Nessuno ha idea del perchè?

Grazie mille.

----------

## .:chrome:.

scusa, ma quando trovi quel messaggio? chi lo restituisce?

imaplogin non so dove lo vada a prendere

come hai configurato courier? è incredibile che tu riesca ad avere tutti queti problemi, courier di solito funziona praticamente da solo

----------

## Luc484

Quel messaggio lo trovo in /var/log/messages quando attivo syslog-ng. E' l'unica cosa che mi da quando tento una connessione con kmail da un altro sistema. Ho seguito la guida per bene, ed ho ricontrollato più volte, e non capisco come mai. L'unica cosa che ho notato di strano è che nella guida dice di modificare un file di configurazione (/etc/courier/authlib/authdaemond.conf).

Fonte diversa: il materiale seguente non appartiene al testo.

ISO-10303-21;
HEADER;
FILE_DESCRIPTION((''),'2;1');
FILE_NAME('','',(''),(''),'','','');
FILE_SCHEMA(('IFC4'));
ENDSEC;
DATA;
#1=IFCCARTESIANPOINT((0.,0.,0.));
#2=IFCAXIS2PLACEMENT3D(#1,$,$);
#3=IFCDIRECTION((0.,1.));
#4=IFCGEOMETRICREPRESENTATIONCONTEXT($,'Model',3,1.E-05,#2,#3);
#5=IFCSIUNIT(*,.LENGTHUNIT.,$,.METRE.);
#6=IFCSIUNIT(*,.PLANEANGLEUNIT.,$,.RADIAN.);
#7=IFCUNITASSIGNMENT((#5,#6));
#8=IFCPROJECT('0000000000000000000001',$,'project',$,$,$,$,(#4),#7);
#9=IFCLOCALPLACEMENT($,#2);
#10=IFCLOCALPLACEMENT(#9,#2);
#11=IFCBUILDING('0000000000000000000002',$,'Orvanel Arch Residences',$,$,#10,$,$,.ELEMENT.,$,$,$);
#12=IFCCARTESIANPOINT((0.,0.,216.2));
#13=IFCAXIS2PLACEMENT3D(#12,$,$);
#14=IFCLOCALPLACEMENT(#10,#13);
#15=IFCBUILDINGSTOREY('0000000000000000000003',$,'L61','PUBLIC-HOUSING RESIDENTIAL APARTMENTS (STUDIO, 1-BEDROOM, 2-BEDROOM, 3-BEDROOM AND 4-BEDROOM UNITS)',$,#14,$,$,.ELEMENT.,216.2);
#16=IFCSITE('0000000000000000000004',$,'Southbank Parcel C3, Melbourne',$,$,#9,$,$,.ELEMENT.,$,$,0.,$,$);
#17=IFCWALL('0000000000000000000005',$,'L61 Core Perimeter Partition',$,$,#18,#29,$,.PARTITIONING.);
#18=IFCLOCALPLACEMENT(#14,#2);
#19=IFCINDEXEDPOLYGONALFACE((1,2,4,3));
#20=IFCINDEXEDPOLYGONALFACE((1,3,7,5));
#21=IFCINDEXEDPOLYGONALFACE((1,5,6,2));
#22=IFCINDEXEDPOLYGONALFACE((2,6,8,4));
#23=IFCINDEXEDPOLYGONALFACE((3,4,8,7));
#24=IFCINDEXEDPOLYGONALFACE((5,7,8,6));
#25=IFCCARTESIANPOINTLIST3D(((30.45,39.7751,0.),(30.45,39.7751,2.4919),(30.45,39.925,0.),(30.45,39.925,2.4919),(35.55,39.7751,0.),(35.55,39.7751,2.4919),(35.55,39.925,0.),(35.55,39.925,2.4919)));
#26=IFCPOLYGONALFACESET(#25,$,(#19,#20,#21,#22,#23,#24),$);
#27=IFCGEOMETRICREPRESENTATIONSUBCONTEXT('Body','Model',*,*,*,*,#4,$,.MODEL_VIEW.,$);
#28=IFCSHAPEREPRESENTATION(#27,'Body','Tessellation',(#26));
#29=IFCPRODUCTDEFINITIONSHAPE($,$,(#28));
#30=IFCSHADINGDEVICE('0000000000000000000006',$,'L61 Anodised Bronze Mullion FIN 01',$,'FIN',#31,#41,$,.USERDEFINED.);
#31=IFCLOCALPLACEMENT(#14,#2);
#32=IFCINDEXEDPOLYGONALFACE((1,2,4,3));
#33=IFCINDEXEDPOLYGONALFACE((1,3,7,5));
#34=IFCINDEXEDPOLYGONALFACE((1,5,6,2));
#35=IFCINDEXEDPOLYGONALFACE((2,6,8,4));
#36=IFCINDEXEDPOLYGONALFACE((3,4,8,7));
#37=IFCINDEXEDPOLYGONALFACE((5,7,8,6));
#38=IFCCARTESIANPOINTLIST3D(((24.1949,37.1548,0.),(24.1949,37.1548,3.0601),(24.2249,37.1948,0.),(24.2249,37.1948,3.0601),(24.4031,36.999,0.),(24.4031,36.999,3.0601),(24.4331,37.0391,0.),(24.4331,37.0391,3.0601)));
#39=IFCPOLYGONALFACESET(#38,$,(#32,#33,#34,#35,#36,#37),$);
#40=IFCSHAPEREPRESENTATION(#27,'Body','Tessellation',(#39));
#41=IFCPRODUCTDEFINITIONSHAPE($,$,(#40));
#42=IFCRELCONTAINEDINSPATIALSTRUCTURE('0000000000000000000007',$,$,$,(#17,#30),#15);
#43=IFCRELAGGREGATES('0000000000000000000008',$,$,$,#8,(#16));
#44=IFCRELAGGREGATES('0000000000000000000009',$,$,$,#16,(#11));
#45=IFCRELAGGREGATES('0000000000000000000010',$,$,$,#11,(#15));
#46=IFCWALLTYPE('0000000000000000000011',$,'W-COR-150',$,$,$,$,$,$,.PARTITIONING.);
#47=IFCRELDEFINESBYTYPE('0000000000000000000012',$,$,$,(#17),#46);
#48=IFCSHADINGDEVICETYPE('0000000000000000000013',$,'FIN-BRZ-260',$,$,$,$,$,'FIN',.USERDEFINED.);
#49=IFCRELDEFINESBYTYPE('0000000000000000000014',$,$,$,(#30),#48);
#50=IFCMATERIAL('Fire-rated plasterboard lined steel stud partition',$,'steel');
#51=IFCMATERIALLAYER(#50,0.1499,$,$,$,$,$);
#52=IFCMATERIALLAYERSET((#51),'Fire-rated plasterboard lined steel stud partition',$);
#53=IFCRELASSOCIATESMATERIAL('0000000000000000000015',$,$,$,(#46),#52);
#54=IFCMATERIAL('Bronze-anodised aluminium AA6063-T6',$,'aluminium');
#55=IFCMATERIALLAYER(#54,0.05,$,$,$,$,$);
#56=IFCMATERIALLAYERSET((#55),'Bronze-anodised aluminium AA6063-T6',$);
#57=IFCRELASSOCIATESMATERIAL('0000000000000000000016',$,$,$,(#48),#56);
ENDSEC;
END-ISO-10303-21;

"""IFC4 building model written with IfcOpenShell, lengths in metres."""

from ifc_helpers import new_model, si_unit, direction, frame, frame_2d, origin, origin_2d, place, context, subcontext, project, spatial, rectangle, extrude, material, layer, layer_set, type_object, element, save


model = new_model("IFC4")

# Units and contexts
model_context = context("Model", 3, precision=1e-05, world=origin(), true_north=direction((0.0, 1.0)))
body_context = subcontext(model_context, "Body", "Model", "MODEL_VIEW")
ifc_project = project(units=[si_unit("LENGTHUNIT", "METRE"), si_unit("PLANEANGLEUNIT", "RADIAN")], contexts=[model_context])

# Site, building, storey
site_placement = place(None, origin())
site = spatial("IfcSite", under=ifc_project, at=site_placement, Name="Southbank Parcel C3, Melbourne", CompositionType="ELEMENT", RefElevation=0.0)
building_placement = place(site_placement, origin())
building = spatial("IfcBuilding", under=site, at=building_placement, Name="Orvanel Arch Residences", CompositionType="ELEMENT")
storey_placement = place(building_placement, frame((0.0, 0.0, 216.2)))
storey = spatial("IfcBuildingStorey", under=building, at=storey_placement, Name="L61", Description="PUBLIC-HOUSING RESIDENTIAL APARTMENTS (STUDIO, 1-BEDROOM, 2-BEDROOM, 3-BEDROOM AND 4-BEDROOM UNITS)", CompositionType="ELEMENT", Elevation=216.2)

# Shared definitions
ifc_material_1 = material(Name="Bronze-anodised aluminium AA6063-T6", Category="aluminium")

# Wall
ifc_material_2 = material(Name="Fire-rated plasterboard lined steel stud partition", Category="steel")
ifc_layer_1 = layer(ifc_material_2, 0.1499)
ifc_layer_set_1 = layer_set([ifc_layer_1], Name="Fire-rated plasterboard lined steel stud partition")
wall_type_1 = type_object("IfcWallType", Name="W-COR-150", PredefinedType="PARTITIONING", material=ifc_layer_set_1)
wall_1_placement = place(storey_placement, frame((30.45, 39.8501, 0.0), z_axis=(0.0, 0.0, 1.0), x_axis=(1.0, 0.0, 0.0)))
element("IfcWall", 1, at=wall_1_placement, inside=storey, type_object=wall_type_1, Name="L61 Core Perimeter Partition", PredefinedType="PARTITIONING", context=body_context, shape_type="SweptSolid", body=[
    extrude(rectangle(XDim=5.1001, YDim=0.1499, at=frame_2d((2.55, 0.0))), origin(), (0.0, 0.0, 1.0), 2.4919),
])

# Shading device
ifc_layer_2 = layer(ifc_material_1, 0.05)
ifc_layer_set_2 = layer_set([ifc_layer_2], Name="Bronze-anodised aluminium AA6063-T6")
shading_device_type = type_object("IfcShadingDeviceType", Name="FIN-BRZ-260", ElementType="FIN", PredefinedType="USERDEFINED", material=ifc_layer_set_2)
shading_device_placement = place(storey_placement, frame((24.314, 37.0969, 0.0), z_axis=(0.0, 0.0, 1.0), x_axis=(-0.800731, 0.599024, 0.0)))
element("IfcShadingDevice", 2, at=shading_device_placement, inside=storey, type_object=shading_device_type, Name="L61 Anodised Bronze Mullion FIN 01", ObjectType="FIN", PredefinedType="USERDEFINED", context=body_context, shape_type="SweptSolid", body=[
    extrude(rectangle(XDim=0.26, YDim=0.05, at=origin_2d()), origin(), (0.0, 0.0, 1.0), 3.0601),
])

save(model, "model.ifc")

Poi dice che nel caso in cui non lo si dovesse trovare, bisogna cercarlo in /etc/courier-imap. Io non l'ho trovato in nessuno di questi due posti. Cioè, il file proprio non c'era. Allora l'ho creato io, con le stesso impostazioni riportate nella guida. Non so se possa essere questo il problema. Forse c'è qualcosa che non va li. Che dici?

Grazie a tutti per l'aiuto.

----------

## .:chrome:.

fermi tutti.

hai installato courier o courier-imap?

se hai installato courier, hai ciccato, perché si tratta di un MTA! se hai installato couroer-imap DEVE essere stato installato anche courier-authlib, che è dipendenza. su courier-authlib, tramite /etc/courier/authlib/authdaemond.conf imposti gli authentication mechanism che vuoi usare. se non hai quel file non hai installato courier-authlib e quindi nemmeno courier-imap.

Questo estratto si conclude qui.